Meiner Meinung nach sollte dieses Pferd erstmal nur vom Boden gearbeitet werden, ein anderer Sattel muss angepasst werden und evtl. tut es dem Pferdchen ja auch mal gut etwas Urlaub vom Reiter zu bekommen. Spätestens dann entsteht eine Pause und es folgt der entscheidende Satz: „Ich habe das Pferd aber doch zum Reiten und nicht für Bodenarbeit.“
Also habe ich einen Befund plus Sattelcheck gemacht und werde natürlich nie wieder angerufen! Ist das nun Physiotherapie???

3. Die Über-Mütter

Es kann das gesündeste Pferd gekauft werden, es wird binnen kürzester zeit krank. Hier ist meist Hopfen und Malz verloren. Denn es wurde für das arme Hüh ja von Anfang an alles getan. Es wurde entwurmt, geimpft und wieder entwurmt und dann noch homöopathisch entwurmt und pflanzlich gestärkt, Kot und Urin werden mit Argusaugen begutachtet, über einen toll gekackten Haufen wird sich gefreut, wie verrückt. Hauptsache das Fell glänzt, alles ist ordentlich, sauber, fast schon steril. Um Ansteckungen und Verletzungen zu vermeiden wird das Pferdchen natürlich isoliert, zu seinem eigenen Schutz. Selbstverständlich. Und nachdem der dritte Tierarzt durch ist, der vierte Hufschmied, die fünfte Heilpraktikerin, kommt auch noch eine Physiotherapeutin hinzu.
Das sind dann Kunden, die ich schon am Telefon erkenne, denn das erste Telefonat endet nie vor einer halben bis dreiviertel Stunde und ich möchte dann schon gar nicht hinfahren, denn ich weiss, ich kann nichts für das arme Geschöpf tun, dass mir fast das Herz bricht in seinem Unglücklichsein.

Fazit: Die Krankheit des geliebten Vierbeiners ist das Lebenselixier seines Menschen.
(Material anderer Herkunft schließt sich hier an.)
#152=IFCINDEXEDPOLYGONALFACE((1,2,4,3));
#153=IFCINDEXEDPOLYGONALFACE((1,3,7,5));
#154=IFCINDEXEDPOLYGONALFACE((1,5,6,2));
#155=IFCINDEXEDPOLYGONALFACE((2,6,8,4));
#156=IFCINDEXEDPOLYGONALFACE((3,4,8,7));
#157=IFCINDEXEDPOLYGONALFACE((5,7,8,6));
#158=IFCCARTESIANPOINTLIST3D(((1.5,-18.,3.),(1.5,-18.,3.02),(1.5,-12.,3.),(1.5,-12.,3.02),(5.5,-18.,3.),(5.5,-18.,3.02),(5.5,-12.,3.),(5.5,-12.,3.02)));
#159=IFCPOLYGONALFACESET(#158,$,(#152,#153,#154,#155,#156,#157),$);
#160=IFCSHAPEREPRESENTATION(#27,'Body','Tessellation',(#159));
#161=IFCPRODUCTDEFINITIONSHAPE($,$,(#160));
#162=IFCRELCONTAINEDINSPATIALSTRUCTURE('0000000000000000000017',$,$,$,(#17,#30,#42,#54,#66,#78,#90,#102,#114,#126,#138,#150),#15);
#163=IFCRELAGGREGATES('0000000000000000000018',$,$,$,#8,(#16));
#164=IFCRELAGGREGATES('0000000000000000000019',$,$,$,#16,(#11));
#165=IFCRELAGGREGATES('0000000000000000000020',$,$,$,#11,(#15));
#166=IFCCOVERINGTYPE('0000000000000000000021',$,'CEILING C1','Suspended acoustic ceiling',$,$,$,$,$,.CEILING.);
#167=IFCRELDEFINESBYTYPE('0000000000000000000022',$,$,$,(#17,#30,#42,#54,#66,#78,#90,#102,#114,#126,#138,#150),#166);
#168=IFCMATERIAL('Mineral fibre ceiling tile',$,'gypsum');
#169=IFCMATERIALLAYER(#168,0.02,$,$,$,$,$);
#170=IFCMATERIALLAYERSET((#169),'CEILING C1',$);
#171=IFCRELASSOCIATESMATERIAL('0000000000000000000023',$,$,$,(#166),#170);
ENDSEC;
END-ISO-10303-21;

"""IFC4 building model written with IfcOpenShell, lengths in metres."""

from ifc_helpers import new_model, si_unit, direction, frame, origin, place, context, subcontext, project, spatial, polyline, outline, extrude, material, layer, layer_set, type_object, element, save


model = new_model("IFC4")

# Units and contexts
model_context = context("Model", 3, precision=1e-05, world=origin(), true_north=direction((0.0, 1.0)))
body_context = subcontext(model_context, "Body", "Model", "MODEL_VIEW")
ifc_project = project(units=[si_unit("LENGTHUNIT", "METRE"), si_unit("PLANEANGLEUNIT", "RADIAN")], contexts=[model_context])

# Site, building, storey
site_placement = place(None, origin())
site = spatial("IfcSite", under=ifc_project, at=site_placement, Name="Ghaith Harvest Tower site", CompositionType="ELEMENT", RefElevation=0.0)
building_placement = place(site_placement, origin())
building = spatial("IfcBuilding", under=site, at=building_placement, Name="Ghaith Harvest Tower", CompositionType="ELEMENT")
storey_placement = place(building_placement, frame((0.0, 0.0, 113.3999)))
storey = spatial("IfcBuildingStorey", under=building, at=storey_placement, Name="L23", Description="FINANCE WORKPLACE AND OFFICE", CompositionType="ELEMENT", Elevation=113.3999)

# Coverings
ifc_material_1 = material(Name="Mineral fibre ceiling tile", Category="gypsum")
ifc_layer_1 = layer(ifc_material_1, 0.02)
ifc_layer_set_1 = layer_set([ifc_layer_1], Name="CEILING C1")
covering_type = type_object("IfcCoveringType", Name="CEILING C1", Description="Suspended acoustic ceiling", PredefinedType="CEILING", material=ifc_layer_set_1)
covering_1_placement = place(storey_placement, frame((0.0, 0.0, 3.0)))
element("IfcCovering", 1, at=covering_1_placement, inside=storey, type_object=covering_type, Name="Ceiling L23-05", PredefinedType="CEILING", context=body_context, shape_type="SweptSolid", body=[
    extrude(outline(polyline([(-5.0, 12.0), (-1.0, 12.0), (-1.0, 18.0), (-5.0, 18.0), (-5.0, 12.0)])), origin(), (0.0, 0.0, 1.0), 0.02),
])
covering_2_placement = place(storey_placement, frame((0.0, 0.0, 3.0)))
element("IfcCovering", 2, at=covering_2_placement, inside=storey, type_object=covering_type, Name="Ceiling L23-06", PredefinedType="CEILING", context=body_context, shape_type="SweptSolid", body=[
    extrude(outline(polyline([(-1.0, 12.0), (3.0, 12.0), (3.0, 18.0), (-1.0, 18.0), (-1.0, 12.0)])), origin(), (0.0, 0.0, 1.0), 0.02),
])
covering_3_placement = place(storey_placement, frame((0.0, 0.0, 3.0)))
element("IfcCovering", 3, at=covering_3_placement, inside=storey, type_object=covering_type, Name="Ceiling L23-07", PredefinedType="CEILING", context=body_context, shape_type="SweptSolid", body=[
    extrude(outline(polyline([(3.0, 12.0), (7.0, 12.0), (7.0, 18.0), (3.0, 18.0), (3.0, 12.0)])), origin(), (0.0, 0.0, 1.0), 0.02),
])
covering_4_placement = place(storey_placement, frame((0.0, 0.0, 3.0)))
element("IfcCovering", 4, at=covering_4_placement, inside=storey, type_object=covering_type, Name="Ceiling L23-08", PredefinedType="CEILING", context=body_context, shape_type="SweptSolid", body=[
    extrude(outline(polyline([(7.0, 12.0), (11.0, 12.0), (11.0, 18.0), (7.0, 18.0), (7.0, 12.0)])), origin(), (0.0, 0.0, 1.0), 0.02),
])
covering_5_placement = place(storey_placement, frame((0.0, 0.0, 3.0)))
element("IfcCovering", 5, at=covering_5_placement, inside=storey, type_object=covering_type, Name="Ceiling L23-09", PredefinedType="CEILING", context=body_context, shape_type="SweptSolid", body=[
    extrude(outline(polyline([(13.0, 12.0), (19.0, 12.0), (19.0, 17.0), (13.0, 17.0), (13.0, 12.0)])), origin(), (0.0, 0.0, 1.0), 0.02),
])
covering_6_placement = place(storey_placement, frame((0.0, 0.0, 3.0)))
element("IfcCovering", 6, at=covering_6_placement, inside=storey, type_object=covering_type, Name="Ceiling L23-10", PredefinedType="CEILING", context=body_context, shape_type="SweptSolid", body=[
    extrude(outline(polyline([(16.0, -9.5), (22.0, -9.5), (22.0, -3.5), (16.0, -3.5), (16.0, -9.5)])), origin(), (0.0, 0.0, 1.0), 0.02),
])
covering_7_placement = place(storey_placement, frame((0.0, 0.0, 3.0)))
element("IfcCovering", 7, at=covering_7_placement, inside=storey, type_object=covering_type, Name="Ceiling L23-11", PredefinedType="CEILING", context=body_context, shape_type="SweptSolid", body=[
Das Grundproblem ist eigentlich bei allen gleich: Die Menschen sind so sehr von sich und ihrem Umgang mit dem Pferd überzeugt, dass keiner es schafft, etwas zu ändern. Der Einzige, der ein gewisses Mitspracherecht hat, ist der Tierarzt, denn der hat ja studiert und hat sich auf Pferde spezialisiert.
In den meisten Fällen komme ich gar nicht dazu ein Pferd zu behandeln, weil der Befund des Pferdes meistens so ausfällt, wie es dem dazu gehörigen Menschen nicht passt. Dann ist natürlich klar, dass nach dem Befund nichts mehr folgt. Schade. Denn ein bisschen umdenken ist doch nicht schwer, aber vielleicht ein bisschen zu anstrengend, denn man muss die alten Pfade verlassen und etwas Neues lernen.
Aber nur dann lernt man sein Pferd richtig kennen. Es muss immer das bleiben dürfen, was es ist, nämlich ein Pferd. Kein Sportgerät, kein Kindersatz und kein Prestigeobjekt, oder ähnliches. Das sind nun drei der dollsten Pferdemenschen, mit denen mich arrangieren musste, weil ich in diesem Beruf arbeiten wollte.

Bis ich mich fargte: Was mache ich hier eigentlich??? Ist das noch Physiotherapie???

Ich mache hier meine Arbeit und wenn es nur ein Befund, oder nur ein Sattelcheck ist, oder der Hinweis, doch mal lieber Heu statt Silage zu füttern, wenn das Pferd permanent Durchfall hat. Das ist auch ein Teil meiner Arbeit und mittlerweile mache ich fast nur noch Exterieurbeurteilungen, Schmerzpunktsuche (die Suche nach Krankheits-Lahmheitsursachen), Sattel-Trensencheck und die PT für Pferd & Reiter unter Berücksichtigung der klassischen Grundausbildung.
Also freut Euch darüber, wenn ihr mal wieder bei fiesem Regenwetter ewig über die Weide stapfen müsst, weil das Pferd nicht auf Pfiff angaloppiert kommt und geht nur mal eine Runde spazieren, weil man auf so ein nasses und dreckiges Pferd keinen Sattel legen kann und teilt Euch mit dem Plüschpuschel eine Möhre.